File formats

How do I save data?

File formats are the software used to store digital research data and documentation.. You are probably aware of .docx, .xlsx, .pdf, .mp3, .jpeg, even if we do not think much about what they mean or what they do. These indicate the file format. They specify information encoded in a file and tell computers how to open and use that format, so you cannot play a .docx, you cannot read an .mp3. However, what they mean brings a set of complications.

Open formats are files where we can see how the format works and easily open it on freely available software. The format may or may not be “owned” or “proprietary” but, critically, the information underpinning that format is public or generally available under a fairly restriction free licence so software can be developed that allows access the files. Proprietary closed formats rely on software you have to buy, often where a commercial organisation locks away the operating manual and keeps the intellectual property as a trade secret, supporting the format for only as long as they see fit.

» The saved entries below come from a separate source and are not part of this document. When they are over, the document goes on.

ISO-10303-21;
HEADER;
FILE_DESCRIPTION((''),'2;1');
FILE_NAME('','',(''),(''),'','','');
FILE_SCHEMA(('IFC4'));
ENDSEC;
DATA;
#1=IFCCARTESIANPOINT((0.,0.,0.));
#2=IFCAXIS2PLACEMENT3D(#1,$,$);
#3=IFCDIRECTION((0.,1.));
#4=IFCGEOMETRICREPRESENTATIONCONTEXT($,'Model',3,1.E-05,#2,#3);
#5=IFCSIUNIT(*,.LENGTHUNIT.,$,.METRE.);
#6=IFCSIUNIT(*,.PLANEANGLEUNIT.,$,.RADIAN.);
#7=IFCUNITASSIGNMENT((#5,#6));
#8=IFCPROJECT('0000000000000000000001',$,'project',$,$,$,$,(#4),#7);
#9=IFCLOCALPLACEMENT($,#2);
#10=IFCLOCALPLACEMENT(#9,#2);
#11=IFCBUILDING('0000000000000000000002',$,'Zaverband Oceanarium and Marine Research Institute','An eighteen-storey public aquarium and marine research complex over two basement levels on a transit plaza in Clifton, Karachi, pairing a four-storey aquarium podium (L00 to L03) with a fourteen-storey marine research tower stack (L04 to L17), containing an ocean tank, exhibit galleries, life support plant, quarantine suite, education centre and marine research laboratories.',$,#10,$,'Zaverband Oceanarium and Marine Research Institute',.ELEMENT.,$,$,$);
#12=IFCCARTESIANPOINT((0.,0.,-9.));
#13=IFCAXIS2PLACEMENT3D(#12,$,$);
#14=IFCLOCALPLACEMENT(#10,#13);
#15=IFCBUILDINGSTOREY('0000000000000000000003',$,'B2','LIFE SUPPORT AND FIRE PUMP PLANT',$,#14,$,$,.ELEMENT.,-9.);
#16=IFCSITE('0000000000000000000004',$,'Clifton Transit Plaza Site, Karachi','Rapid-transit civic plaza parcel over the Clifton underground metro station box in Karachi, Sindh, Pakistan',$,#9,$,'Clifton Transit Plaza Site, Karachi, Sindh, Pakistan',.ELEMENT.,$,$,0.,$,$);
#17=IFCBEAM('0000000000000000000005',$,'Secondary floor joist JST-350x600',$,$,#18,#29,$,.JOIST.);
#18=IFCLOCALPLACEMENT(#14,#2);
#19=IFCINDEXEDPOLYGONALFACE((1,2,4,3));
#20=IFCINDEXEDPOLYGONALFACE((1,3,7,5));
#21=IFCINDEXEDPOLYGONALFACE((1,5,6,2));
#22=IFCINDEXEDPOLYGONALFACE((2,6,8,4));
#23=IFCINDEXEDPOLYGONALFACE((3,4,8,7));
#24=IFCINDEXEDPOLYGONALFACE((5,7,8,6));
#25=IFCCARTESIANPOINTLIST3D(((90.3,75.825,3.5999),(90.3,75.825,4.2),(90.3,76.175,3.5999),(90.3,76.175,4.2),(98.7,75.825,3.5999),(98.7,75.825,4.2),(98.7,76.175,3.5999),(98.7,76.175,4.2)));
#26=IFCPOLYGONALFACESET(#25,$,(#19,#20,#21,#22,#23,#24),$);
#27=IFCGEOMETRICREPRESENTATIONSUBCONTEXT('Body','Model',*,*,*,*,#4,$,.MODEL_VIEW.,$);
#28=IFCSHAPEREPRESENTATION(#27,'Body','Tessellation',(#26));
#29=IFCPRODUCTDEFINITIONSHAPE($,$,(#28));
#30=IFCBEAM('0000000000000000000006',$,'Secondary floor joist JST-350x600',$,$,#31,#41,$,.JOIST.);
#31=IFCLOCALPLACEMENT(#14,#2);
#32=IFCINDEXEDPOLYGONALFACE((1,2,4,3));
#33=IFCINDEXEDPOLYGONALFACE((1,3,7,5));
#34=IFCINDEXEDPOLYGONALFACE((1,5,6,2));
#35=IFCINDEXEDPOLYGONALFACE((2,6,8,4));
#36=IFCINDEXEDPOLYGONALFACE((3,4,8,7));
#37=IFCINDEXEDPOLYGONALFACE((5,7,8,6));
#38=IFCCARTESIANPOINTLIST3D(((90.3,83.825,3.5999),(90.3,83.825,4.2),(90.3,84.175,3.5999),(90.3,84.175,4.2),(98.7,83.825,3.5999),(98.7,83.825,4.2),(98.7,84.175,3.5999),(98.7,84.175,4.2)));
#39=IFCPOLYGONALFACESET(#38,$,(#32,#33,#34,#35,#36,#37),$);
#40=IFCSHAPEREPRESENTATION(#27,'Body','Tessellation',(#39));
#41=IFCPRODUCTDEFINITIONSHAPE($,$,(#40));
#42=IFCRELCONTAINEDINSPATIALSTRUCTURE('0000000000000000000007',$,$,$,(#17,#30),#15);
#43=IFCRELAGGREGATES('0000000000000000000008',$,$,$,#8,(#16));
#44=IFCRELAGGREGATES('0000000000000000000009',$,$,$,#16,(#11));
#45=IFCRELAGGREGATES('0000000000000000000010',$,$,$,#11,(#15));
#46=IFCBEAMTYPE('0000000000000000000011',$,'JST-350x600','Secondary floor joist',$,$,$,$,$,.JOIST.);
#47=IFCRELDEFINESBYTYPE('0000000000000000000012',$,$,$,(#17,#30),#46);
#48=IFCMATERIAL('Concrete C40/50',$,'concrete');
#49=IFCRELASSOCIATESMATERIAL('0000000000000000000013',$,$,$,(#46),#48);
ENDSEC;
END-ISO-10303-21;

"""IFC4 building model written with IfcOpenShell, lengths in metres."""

from ifc_helpers import new_model, si_unit, direction, frame, origin, origin_2d, place, context, subcontext, project, spatial, rectangle, extrude, material, material_profile, profile_set, type_object, element, save


model = new_model("IFC4")

# Units and contexts
model_context = context("Model", 3, precision=1e-05, world=origin(), true_north=direction((0.0, 1.0)))
body_context = subcontext(model_context, "Body", "Model", "MODEL_VIEW")
ifc_project = project(units=[si_unit("LENGTHUNIT", "METRE"), si_unit("PLANEANGLEUNIT", "RADIAN")], contexts=[model_context])

# Site, building, storey
site_placement = place(None, origin())
site = spatial("IfcSite", under=ifc_project, at=site_placement, Name="Clifton Transit Plaza Site, Karachi", Description="Rapid-transit civic plaza parcel over the Clifton underground metro station box in Karachi, Sindh, Pakistan", LongName="Clifton Transit Plaza Site, Karachi, Sindh, Pakistan", CompositionType="ELEMENT", RefElevation=0.0)
building_placement = place(site_placement, origin())
building = spatial("IfcBuilding", under=site, at=building_placement, Name="Zaverband Oceanarium and Marine Research Institute", Description="An eighteen-storey public aquarium and marine research complex over two basement levels on a transit plaza in Clifton, Karachi, pairing a four-storey aquarium podium (L00 to L03) with a fourteen-storey marine research tower stack (L04 to L17), containing an ocean tank, exhibit galleries, life support plant, quarantine suite, education centre and marine research laboratories.", LongName="Zaverband Oceanarium and Marine Research Institute", CompositionType="ELEMENT")
storey_placement = place(building_placement, frame((0.0, 0.0, -9.0)))
storey = spatial("IfcBuildingStorey", under=building, at=storey_placement, Name="B2", Description="LIFE SUPPORT AND FIRE PUMP PLANT", CompositionType="ELEMENT", Elevation=-9.0)

# Beams
ifc_material_1 = material(Name="Concrete C40/50", Category="concrete")
ifc_material_profile_1 = material_profile(ifc_material_1, rectangle(XDim=0.3501, YDim=0.6001, at=origin_2d()), Name="RC350x600")
ifc_profile_set_1 = profile_set([ifc_material_profile_1], Name="Concrete C40/50")
beam_type_1 = type_object("IfcBeamType", Name="JST-350x600", Description="Secondary floor joist", PredefinedType="JOIST", material=ifc_profile_set_1)
for number, where, z_axis, x_axis, name in (
    (1, (90.3, 76.0, 3.8999), (1.0, 0.0, 0.0), (0.0, 1.0, 0.0), "Secondary floor joist JST-350x600"),
    (2, (90.3, 84.0, 3.8999), (1.0, 0.0, 0.0), (0.0, 1.0, 0.0), "Secondary floor joist JST-350x600"),
):
    element("IfcBeam", number, at=place(storey_placement, frame(where, z_axis=z_axis, x_axis=x_axis)), inside=storey, type_object=beam_type_1, Name=name, PredefinedType="JOIST", context=body_context, shape_type="SweptSolid", body=[
        extrude(rectangle(XDim=0.3501, YDim=0.6001, at=origin_2d()), origin(), (0.0, 0.0, 1.0), 8.3999),
    ])

save(model, "model.ifc")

When they stop supporting it, they sentence files to a digital death unless you pay for the latest version of that software.

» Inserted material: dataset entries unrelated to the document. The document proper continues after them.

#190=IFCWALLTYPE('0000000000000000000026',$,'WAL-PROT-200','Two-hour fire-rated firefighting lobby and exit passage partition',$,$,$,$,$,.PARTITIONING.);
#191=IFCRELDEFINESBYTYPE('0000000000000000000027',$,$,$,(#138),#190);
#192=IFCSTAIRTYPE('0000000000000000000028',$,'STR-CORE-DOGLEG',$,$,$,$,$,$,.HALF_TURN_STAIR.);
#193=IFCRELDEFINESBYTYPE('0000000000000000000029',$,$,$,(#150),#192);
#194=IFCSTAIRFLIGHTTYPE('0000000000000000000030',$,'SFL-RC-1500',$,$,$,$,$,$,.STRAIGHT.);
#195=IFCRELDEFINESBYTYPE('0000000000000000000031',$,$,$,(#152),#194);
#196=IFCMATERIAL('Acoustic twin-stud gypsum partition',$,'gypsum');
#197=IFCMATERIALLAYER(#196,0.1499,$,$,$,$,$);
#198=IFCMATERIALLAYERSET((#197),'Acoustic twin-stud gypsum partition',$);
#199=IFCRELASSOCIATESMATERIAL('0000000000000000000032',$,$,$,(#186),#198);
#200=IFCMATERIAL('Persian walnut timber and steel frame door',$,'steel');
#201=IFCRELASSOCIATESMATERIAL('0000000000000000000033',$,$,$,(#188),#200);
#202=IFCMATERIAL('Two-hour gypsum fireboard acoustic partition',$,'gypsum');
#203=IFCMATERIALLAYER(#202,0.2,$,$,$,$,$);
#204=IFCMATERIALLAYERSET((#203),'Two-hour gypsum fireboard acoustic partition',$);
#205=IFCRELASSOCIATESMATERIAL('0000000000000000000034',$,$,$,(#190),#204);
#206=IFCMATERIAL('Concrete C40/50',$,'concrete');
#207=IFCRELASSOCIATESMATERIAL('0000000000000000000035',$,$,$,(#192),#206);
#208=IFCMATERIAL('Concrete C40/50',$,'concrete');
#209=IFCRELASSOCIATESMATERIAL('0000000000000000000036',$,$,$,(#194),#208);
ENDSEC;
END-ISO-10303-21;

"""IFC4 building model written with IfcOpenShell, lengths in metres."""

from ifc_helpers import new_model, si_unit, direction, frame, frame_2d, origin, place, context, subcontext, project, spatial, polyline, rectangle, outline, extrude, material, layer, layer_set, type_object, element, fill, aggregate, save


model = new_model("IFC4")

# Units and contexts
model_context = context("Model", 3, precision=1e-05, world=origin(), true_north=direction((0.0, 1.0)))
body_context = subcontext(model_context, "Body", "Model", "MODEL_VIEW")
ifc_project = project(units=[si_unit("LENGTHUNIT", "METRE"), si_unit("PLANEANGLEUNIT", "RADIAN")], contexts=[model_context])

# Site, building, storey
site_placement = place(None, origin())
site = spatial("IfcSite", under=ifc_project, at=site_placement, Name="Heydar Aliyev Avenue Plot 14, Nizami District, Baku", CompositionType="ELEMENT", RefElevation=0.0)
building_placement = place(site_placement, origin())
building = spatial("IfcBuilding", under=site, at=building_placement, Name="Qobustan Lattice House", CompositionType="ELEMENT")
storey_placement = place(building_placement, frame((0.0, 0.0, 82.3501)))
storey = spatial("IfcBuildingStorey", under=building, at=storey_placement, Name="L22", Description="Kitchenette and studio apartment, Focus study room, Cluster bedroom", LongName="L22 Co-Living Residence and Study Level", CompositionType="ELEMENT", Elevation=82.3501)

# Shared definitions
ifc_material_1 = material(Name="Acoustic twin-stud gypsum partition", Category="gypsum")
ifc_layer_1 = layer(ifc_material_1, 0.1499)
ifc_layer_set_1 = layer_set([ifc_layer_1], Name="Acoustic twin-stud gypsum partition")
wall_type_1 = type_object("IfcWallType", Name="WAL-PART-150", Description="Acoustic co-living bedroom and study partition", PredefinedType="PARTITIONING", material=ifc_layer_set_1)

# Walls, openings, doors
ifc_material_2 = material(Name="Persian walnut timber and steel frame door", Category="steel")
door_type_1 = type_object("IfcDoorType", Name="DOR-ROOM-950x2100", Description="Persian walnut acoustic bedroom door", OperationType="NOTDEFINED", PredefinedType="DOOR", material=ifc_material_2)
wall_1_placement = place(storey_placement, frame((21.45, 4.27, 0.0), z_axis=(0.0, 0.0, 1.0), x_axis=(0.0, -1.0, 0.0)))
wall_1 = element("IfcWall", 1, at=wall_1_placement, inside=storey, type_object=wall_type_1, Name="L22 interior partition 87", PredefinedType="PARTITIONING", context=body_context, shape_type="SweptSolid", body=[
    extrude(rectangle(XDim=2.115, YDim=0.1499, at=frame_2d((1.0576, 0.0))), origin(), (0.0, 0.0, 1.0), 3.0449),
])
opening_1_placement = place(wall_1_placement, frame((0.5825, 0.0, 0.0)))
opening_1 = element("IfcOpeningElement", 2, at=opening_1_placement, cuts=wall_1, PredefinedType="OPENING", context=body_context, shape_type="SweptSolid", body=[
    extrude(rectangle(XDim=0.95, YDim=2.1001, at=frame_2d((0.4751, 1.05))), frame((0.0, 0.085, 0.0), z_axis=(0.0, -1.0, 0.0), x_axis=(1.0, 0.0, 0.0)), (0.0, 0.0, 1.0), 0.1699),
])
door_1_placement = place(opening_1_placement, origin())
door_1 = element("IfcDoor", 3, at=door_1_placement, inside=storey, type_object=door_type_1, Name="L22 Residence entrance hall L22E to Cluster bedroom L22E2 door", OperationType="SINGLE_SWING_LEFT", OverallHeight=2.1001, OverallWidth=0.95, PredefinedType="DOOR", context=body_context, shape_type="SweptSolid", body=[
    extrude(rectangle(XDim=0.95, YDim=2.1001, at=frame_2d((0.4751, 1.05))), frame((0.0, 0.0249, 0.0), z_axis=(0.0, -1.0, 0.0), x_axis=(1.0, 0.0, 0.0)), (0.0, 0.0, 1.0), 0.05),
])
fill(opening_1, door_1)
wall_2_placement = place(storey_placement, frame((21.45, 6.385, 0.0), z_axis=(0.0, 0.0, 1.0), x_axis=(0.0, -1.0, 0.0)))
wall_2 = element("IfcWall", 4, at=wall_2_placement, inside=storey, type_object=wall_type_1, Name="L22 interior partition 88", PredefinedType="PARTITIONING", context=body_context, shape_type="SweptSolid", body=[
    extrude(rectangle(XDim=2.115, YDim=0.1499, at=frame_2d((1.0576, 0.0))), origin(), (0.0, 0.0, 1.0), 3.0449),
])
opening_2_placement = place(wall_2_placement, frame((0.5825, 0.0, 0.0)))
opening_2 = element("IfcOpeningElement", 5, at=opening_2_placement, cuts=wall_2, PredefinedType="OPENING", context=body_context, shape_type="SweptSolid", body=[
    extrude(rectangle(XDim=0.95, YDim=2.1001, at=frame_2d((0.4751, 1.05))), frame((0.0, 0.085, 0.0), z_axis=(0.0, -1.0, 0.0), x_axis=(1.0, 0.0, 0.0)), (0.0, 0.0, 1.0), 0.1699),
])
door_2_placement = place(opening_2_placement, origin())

Open formats help make data “open”: not just available, but usable in a way in which allows reuse, repurposing, and remixing.

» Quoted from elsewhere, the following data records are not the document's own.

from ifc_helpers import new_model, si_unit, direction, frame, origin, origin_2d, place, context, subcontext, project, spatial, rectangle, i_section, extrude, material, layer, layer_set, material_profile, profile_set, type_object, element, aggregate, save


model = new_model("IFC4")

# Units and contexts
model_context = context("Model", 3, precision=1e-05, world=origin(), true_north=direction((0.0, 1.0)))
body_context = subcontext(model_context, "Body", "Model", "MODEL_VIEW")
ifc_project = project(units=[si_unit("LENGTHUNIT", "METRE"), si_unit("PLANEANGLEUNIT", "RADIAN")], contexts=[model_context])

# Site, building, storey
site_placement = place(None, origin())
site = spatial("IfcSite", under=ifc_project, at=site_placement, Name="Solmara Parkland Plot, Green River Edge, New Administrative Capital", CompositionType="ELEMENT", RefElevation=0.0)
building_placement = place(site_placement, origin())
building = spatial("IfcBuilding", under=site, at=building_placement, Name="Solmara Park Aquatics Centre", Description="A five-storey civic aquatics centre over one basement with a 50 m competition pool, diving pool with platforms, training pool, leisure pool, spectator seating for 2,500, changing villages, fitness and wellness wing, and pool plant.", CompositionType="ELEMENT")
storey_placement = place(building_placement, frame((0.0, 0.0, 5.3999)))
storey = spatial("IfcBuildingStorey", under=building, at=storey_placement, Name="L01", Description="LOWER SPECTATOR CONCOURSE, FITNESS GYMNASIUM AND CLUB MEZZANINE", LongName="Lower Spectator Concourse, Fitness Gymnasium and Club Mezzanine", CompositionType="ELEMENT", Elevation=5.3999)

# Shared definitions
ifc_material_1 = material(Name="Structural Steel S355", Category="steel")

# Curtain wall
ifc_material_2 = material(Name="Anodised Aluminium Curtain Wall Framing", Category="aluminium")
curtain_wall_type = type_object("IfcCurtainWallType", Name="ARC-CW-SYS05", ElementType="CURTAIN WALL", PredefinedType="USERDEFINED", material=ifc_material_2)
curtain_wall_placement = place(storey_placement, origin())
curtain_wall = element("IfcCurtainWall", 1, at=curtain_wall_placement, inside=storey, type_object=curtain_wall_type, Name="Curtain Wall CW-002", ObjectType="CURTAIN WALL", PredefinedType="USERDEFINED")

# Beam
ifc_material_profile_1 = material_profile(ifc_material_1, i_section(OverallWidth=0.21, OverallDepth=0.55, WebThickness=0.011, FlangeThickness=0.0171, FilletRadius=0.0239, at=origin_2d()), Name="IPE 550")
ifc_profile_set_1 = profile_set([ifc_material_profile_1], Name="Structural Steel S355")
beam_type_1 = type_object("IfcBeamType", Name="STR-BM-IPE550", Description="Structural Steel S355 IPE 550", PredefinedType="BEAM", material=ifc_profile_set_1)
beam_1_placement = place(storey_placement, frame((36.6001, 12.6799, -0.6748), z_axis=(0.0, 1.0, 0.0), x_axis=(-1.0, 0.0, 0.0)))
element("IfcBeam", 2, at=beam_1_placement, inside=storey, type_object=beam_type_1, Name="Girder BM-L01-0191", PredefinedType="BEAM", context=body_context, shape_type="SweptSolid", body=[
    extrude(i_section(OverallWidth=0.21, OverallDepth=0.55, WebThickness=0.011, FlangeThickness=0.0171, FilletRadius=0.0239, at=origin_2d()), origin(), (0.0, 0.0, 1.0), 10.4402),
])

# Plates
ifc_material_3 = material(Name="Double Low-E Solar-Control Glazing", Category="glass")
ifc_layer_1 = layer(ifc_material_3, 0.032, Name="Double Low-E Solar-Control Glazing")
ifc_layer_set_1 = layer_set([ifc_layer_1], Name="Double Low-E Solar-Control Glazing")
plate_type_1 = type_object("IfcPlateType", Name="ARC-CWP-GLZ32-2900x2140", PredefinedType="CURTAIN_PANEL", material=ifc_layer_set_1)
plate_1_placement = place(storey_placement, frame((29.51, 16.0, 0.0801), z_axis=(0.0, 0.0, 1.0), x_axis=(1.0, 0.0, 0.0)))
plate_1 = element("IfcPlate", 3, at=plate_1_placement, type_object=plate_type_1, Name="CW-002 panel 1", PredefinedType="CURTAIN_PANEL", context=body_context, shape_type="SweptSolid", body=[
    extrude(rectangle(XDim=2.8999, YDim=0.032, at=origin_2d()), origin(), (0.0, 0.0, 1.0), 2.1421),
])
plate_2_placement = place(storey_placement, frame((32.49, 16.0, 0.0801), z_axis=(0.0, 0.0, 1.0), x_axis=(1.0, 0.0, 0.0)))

Another way open formats help is in long-term accessibility. Storage formats quickly become obsolete and inaccessible. If they are open files, they can be transferred to contemporary formats (“migration”) or a way to access can be engineered (“emulation”). So often the critical challenge in keeping digital objects accessible is not the technology, it is the Intellectual Property Rights of closed proprietary formats, which present a greater and often insurmountable hindrance to negotiate. Closed formats also make it difficult to share data informally or formally, or even with your future self, as many closed formats are platform specific. In addition, closed formats by definition do not reveal what information they store in terms of changes made to files, which if you are a researcher dealing with sensitive data can be problematic because you cannot be confident as to what is, or is not, being recorded in the file’s metadata.

Attempt to keep copies in open standard formats or at least formats widely used and accepted by the research community. A few common examples of open formats include:

  • Archiving: 7z (archiving and compression), MAFF (web page archiving), tar (archiving) ZIP (archiving and compression)
  • Databases: CSV (spreadsheets), NetCDF (scientific data)
  • Multimedia: DjVu (scanned images and documents), JPEG2000 (a standardized image format), PNG (standardized raster image format), SVG (standardized vector image), WebM (video and audio format)
  • Text: CSS (websites), HTML (websites), ePUB (open e-book standard), LaTeX (document markup language), Office Open XML (text format) OpenDocument (text format)

While you should bear in mind the above criteria, there is an acknowledged difference between working data and preservation data. While using closed formats for working on your data is not encouraged, it is recognised that in the short-term such formats may have compelling reasons for use. However, we encourage the use of open formats for data collection and preservation copies where possible.